The Investigator plans to perform a prospective, randomized, single blinded, study that will compare patients treated with IV lacosamide to those treated with Phenytoin in the Intensive Care Unit (ICU) setting. The investigator will also evaluate the rate of clinically evident and sub-clinical seizures, and to compare long-term outcomes between patients treated with lacosamide and those treated with Phenytoin.
Study Type
INTERVENTIONAL
Allocation
RANDOMIZED
Purpose
TREATMENT
Masking
SINGLE
Enrollment
3
Comparison of patients treated with IV lacosamide to those treated with phenytoin in the intensive care unit setting. The lacosamide group will receive a loading dose of 400 mg IV, and on maintenance dose of up to 400 mg every 12 hours.
the phenytoin group will receive a loading dose of 20 mg/K IV, maximum of 2000 mg, given over 60 min. and will be started on a maintenance dose of 5 mg/K/day.
University Hospital
London, Ontario, Canada
Incidence of Clinical Adverse Events
Safety: the primary outcome measure will be the incidence of clinical adverse events. Patients will be evaluated daily during the hospital stay for seizures, fever, neurological changes, cardiovascular, hematologic and dermatologic abnormalities, liver failure, renal failure, and death. Each adverse event will be classified by the principal investigator as attributable or possibly attributable to the study drug versus other events.
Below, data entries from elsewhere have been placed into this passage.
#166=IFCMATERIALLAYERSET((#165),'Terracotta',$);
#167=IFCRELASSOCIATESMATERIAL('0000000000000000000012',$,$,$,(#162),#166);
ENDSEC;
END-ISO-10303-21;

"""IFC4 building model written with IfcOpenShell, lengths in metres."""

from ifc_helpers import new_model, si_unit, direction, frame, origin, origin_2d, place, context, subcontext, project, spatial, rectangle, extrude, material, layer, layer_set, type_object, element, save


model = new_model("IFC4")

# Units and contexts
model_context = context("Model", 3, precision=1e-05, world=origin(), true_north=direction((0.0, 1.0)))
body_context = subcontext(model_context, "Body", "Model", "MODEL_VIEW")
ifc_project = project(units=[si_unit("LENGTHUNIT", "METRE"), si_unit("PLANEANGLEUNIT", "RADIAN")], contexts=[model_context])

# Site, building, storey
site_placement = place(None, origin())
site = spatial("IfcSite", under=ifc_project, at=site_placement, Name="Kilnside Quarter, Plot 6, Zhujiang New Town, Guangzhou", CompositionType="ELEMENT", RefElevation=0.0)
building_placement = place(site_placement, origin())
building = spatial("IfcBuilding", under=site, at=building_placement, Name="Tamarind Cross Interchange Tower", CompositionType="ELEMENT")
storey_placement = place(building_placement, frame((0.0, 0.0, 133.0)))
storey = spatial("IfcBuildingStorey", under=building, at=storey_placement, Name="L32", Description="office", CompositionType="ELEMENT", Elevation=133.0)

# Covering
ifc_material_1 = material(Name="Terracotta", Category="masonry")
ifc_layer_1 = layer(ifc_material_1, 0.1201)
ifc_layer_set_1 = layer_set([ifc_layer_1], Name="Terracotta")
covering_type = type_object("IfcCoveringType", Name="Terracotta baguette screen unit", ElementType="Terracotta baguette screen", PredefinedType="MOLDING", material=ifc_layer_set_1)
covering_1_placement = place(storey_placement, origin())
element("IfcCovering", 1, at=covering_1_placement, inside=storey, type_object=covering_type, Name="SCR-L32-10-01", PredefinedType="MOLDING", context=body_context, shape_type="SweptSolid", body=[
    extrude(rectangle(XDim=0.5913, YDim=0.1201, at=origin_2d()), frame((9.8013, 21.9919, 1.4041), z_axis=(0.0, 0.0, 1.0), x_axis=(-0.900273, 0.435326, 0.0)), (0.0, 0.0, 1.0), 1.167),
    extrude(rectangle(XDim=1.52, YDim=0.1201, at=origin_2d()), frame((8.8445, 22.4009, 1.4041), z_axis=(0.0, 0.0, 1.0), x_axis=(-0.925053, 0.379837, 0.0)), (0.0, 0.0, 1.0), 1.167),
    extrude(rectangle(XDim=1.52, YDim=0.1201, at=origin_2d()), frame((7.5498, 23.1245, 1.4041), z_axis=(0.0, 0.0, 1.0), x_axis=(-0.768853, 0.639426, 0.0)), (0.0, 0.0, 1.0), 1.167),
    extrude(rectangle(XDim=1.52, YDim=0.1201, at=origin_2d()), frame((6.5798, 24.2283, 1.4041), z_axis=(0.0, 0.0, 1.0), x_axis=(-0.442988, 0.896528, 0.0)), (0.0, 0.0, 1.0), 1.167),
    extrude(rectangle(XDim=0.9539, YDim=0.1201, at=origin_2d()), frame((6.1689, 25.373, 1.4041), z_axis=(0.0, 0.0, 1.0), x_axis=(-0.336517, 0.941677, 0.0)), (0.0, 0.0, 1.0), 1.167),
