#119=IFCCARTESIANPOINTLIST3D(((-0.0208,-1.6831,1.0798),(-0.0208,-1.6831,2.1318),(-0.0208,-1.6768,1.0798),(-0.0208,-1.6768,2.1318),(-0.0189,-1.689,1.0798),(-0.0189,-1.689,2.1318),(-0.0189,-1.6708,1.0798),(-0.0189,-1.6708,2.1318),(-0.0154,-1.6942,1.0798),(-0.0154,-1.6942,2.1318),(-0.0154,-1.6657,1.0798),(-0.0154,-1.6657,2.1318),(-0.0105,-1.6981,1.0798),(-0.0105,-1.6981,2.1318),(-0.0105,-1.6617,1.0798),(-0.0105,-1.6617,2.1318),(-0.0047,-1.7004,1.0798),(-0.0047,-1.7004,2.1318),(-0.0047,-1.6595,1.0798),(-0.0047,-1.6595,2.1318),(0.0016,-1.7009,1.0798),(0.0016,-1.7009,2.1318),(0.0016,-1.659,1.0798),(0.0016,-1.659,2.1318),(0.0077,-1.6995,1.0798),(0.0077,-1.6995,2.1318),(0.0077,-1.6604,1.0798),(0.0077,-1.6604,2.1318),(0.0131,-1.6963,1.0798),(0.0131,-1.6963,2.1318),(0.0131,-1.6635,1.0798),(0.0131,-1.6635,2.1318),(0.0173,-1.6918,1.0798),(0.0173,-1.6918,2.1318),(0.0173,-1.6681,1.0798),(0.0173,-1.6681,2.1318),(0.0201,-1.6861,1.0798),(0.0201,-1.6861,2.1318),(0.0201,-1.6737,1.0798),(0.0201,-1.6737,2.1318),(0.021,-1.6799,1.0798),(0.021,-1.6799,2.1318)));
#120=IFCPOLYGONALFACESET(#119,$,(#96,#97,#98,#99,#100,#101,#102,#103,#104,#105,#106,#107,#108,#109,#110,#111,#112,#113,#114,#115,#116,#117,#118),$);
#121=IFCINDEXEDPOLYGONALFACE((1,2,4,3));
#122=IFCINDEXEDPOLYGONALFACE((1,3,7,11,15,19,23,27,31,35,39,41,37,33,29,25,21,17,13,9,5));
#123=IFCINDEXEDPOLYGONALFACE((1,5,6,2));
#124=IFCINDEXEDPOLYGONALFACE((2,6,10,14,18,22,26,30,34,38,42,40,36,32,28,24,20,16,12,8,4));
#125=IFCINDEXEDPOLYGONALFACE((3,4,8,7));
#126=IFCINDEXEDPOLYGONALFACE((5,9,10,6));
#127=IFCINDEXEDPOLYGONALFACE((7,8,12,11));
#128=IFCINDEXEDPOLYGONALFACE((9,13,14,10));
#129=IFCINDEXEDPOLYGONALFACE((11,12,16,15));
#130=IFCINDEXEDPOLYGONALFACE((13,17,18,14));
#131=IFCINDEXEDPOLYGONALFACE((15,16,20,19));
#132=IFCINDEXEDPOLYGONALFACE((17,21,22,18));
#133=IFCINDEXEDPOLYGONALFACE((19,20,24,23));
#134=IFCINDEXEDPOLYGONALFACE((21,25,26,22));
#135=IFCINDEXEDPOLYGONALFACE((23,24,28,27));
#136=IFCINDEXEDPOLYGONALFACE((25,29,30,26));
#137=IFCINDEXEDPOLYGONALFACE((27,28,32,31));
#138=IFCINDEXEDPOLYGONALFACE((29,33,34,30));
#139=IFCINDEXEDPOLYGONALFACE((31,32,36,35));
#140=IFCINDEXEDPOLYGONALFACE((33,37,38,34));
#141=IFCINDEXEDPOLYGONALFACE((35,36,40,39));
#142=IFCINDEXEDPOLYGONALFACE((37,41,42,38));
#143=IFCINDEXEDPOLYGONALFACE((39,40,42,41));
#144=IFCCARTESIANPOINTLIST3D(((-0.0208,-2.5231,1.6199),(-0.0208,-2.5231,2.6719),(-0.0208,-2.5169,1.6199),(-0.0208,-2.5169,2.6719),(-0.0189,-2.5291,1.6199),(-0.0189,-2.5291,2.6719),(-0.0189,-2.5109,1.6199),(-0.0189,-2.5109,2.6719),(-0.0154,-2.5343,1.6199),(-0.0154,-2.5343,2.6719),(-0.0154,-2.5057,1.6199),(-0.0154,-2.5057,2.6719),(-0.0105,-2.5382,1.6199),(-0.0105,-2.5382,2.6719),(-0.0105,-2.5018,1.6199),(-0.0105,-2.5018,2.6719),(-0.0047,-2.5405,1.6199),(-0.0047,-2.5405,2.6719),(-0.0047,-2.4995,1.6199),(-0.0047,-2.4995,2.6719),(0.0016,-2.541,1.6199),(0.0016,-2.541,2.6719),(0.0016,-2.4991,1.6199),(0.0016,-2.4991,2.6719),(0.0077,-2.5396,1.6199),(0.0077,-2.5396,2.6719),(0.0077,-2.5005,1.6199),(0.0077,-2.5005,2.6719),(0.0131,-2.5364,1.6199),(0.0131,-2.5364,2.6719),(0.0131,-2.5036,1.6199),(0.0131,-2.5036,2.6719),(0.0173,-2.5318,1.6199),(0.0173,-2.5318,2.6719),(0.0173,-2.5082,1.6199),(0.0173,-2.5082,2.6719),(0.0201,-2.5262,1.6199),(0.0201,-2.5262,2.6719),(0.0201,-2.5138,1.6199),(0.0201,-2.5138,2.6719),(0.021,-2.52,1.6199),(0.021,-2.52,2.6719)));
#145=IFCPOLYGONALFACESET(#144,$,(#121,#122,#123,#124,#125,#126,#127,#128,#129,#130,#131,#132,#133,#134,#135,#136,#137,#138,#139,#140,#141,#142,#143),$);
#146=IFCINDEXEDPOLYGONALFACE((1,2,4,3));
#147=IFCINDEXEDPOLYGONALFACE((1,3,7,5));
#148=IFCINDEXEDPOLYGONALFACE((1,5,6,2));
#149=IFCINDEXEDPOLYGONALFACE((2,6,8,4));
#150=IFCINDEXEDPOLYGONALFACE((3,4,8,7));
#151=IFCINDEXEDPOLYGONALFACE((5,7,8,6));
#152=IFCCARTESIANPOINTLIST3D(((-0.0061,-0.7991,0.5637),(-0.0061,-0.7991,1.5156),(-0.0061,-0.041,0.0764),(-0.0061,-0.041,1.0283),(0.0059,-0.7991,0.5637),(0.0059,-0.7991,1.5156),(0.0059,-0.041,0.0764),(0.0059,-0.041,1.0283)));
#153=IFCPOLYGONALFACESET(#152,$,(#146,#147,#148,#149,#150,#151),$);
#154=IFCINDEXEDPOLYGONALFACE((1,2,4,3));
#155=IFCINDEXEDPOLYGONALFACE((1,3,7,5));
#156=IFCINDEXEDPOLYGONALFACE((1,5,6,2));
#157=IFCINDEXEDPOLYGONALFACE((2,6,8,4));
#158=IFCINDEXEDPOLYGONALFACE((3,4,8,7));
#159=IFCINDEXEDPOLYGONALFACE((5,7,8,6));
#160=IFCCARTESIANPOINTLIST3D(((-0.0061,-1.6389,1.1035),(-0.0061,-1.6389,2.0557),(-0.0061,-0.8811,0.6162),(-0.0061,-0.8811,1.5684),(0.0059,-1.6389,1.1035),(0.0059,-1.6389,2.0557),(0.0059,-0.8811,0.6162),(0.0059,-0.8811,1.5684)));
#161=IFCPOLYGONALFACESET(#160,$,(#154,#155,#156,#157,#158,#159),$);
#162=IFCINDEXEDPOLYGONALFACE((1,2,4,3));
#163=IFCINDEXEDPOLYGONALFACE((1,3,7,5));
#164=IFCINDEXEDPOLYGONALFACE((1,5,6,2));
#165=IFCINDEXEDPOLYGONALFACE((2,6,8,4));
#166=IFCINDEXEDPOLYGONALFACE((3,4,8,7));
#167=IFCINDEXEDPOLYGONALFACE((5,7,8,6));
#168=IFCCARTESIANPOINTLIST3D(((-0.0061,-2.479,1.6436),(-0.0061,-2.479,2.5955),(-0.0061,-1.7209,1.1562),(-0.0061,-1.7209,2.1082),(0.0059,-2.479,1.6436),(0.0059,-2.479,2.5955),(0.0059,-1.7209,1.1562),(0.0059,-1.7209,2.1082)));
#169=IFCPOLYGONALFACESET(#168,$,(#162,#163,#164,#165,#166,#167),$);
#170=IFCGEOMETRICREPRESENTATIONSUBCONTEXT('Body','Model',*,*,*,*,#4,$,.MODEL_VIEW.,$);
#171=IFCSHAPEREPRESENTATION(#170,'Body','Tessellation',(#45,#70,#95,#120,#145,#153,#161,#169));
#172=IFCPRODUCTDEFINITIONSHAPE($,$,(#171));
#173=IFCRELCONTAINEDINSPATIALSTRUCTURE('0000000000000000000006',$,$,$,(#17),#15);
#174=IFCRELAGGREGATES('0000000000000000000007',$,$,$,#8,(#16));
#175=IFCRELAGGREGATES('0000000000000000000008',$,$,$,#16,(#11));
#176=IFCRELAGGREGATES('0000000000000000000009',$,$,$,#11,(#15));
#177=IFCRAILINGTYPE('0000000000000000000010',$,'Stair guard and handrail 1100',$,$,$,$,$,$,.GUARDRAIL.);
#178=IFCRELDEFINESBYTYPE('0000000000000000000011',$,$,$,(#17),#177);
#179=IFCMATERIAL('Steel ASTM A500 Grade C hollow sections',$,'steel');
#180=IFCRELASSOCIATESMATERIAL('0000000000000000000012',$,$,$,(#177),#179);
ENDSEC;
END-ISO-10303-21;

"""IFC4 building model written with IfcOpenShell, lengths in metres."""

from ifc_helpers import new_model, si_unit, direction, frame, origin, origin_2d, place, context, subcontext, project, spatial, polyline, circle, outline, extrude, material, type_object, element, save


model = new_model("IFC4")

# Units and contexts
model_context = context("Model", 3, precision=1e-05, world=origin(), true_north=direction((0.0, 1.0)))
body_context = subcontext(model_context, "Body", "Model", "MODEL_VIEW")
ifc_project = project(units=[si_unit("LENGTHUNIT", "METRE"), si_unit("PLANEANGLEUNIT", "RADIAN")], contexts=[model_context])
Serious adverse events for these to study will be defined as those that result in death, prolonged hospitalization, life threatening events, persistent or significant disability, or an important medical event that may not be immediately life threatening or result in death but based upon appropriate medical judgment may jeopardize the participant, or may require medical or surgical intervention to prevent one of the other outcomes listed.
Time frame: 6 months
Efficacy
Efficacy: the secondary endpoints will be seizure frequency and long-term outcomes (measure by disability scales). All patients will be monitored on continuous EEG for 72 hours or until a week and following commands. Since over 50% of initial seizure activity in these patients are usually subclinical as reported in the finished studies, and about 90% of the seizures happen within the first two days of admission to the ICU, the investigator would stop EEG recordings once patient awake, or by 72 hours after admission if there were no seizures.